Wireless video communication with portable devices has become the driving technology of many important applications such as personal communication, gaming and security. In this respect, both mobile communication protocols and video coding technologies have experienced rapid advances.

On the one hand, in the context of video coding technologies, several video compression standards have been developed within the past years such as MPEG-4 Part 10, H.264/Advanced Video Codec (AVC) or the most recent Scalable Video Codec (SVC). The purpose of the H.264/AVC project was to create a standard capable of providing good video quality at substantially lower bit rates than previous standards (e.g. half or less the bit rate of MPEG-2, H.263, or MPEG-4 Part 2), without increasing the complexity of design so much that it would be impractical or excessively expensive to implement. In a similar way, the Scalable Video Codec (SVC) has been developed as an extension of the H.264/AVC providing scalability aspects in the encoded video bitstream relying on a wide range of spatio-temporal and quality scalability. This higher flexibility comes also at the cost of an increased complexity or energy consumption.

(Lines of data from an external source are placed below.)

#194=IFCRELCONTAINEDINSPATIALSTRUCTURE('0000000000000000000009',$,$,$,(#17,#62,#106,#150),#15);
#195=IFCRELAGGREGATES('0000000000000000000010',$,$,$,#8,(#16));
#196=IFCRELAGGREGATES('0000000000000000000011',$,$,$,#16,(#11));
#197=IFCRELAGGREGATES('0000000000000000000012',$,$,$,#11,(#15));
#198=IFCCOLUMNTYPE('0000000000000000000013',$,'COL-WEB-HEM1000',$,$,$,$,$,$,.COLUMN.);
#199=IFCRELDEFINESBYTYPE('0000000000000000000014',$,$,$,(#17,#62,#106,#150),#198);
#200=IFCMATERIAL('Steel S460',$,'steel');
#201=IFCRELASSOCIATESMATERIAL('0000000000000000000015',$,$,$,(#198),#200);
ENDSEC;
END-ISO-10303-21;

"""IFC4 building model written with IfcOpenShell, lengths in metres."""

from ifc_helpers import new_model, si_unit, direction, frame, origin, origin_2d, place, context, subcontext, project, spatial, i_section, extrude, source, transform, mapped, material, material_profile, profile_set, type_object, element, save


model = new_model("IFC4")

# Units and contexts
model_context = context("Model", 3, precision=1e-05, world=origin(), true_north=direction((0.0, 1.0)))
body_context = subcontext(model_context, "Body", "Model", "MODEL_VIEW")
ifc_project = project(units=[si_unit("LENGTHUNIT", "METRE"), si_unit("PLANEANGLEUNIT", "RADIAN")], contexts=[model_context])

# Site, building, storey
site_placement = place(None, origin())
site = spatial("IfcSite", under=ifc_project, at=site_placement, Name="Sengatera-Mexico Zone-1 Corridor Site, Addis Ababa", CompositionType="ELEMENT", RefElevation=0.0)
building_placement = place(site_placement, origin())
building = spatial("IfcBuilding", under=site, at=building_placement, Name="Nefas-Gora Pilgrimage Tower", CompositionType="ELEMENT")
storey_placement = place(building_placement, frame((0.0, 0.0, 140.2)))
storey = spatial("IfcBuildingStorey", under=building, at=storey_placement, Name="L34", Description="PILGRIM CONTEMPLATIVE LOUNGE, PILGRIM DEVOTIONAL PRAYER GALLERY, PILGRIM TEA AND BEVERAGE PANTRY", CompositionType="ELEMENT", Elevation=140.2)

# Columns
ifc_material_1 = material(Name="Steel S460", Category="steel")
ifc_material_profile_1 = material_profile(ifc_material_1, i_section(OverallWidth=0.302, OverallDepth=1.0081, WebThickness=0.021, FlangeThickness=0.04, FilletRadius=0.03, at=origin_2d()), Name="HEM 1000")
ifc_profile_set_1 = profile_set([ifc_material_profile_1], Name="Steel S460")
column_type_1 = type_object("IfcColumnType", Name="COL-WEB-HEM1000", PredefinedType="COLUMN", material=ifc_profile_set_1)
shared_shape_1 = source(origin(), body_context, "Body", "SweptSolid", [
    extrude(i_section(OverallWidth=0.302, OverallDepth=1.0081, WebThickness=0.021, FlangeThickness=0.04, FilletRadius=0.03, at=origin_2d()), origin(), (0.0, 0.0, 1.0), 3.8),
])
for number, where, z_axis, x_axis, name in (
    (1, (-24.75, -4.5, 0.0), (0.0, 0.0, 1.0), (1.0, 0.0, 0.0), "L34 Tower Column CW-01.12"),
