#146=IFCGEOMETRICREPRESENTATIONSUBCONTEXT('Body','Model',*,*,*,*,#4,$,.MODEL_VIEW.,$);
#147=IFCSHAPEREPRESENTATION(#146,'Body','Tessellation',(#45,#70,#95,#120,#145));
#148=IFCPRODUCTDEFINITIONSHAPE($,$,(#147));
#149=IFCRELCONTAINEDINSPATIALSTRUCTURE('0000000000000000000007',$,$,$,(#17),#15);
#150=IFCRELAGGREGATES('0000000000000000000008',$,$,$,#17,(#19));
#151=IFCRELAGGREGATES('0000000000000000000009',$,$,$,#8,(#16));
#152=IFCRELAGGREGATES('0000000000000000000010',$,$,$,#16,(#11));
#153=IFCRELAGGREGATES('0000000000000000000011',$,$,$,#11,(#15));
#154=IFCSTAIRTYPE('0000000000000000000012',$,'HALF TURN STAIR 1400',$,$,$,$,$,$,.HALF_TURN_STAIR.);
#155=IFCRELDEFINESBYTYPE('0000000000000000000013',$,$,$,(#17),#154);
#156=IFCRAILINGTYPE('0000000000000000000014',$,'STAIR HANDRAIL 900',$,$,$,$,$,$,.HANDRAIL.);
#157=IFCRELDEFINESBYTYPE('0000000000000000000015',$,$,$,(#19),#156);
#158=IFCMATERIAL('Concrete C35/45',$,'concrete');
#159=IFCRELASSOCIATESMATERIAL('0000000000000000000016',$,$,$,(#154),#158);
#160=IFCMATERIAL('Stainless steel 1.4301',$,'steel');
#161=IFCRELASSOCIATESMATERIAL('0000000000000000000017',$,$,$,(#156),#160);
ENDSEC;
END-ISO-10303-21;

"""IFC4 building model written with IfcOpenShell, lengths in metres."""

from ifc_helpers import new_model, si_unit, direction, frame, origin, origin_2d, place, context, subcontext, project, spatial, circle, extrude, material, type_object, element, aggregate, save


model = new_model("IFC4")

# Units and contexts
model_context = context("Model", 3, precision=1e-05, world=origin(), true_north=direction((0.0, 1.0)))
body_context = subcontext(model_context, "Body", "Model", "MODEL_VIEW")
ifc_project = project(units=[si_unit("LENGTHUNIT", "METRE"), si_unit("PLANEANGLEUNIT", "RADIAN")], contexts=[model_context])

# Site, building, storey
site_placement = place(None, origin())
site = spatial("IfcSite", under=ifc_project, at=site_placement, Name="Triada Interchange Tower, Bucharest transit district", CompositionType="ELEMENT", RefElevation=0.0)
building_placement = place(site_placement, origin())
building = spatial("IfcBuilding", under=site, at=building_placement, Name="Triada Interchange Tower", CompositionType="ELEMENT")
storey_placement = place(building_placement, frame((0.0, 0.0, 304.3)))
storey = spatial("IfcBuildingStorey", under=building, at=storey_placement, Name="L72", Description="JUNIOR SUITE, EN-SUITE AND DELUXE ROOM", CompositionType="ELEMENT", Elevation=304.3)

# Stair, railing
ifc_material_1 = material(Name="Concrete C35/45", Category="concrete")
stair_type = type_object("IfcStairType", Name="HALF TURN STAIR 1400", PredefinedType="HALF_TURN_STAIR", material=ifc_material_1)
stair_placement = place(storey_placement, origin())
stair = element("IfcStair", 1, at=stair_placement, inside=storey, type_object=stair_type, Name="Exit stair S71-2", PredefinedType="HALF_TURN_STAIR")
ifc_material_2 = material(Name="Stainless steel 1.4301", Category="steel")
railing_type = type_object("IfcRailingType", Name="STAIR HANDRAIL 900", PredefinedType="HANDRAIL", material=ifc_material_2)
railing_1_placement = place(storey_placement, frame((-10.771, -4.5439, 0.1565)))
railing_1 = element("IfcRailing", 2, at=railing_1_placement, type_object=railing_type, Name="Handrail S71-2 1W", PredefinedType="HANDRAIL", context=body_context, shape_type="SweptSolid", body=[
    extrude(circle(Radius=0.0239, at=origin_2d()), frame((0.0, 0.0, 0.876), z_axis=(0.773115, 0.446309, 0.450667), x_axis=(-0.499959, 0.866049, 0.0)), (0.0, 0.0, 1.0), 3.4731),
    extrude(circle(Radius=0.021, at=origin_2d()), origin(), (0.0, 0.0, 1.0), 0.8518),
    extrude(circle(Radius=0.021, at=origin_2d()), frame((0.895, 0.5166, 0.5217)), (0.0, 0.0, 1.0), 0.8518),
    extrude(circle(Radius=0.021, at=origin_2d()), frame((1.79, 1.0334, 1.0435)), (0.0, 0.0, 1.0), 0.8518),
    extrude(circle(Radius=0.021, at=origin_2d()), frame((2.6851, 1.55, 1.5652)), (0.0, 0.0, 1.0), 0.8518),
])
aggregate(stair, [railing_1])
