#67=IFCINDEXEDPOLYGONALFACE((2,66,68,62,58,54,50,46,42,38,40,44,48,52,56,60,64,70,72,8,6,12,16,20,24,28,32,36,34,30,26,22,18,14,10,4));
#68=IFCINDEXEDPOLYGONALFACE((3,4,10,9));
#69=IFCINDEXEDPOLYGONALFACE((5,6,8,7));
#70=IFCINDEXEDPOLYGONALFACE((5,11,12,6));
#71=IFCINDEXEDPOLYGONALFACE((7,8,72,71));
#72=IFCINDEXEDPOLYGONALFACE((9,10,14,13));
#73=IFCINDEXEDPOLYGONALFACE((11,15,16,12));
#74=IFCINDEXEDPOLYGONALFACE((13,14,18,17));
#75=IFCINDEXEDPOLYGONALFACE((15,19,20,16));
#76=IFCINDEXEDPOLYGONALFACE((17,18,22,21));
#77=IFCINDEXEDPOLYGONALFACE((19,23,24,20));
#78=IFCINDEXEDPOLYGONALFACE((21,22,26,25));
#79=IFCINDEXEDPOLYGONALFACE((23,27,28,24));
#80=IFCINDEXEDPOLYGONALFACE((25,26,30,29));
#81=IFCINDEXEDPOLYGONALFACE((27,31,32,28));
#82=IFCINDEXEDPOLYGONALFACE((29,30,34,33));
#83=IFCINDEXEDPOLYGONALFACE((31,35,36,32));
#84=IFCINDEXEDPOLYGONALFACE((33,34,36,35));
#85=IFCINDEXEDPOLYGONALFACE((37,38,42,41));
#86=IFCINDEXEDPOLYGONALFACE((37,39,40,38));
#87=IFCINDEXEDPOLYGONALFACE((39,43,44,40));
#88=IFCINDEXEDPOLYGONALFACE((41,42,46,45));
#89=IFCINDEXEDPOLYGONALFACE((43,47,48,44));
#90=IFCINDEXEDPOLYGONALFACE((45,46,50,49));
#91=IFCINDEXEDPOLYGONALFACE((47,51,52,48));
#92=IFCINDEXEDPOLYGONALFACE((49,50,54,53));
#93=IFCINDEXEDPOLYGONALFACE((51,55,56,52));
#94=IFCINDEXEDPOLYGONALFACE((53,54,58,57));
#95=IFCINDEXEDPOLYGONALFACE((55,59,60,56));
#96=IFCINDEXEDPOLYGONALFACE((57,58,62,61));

In general, we can see that the trend in the evolution of video codecs aims at achieving higher compression degree and higher flexibility in terms of scalability and adaptability. Both features are highly valuable in mobile communications. First, bandwidth is a scarce resource and a high compression degree lowers the required bandwidth. Secondly, the variability of the available bandwidth together with the heterogeneity of devices and processing capabilities makes the bitstream scalability and adaptability a desired feature.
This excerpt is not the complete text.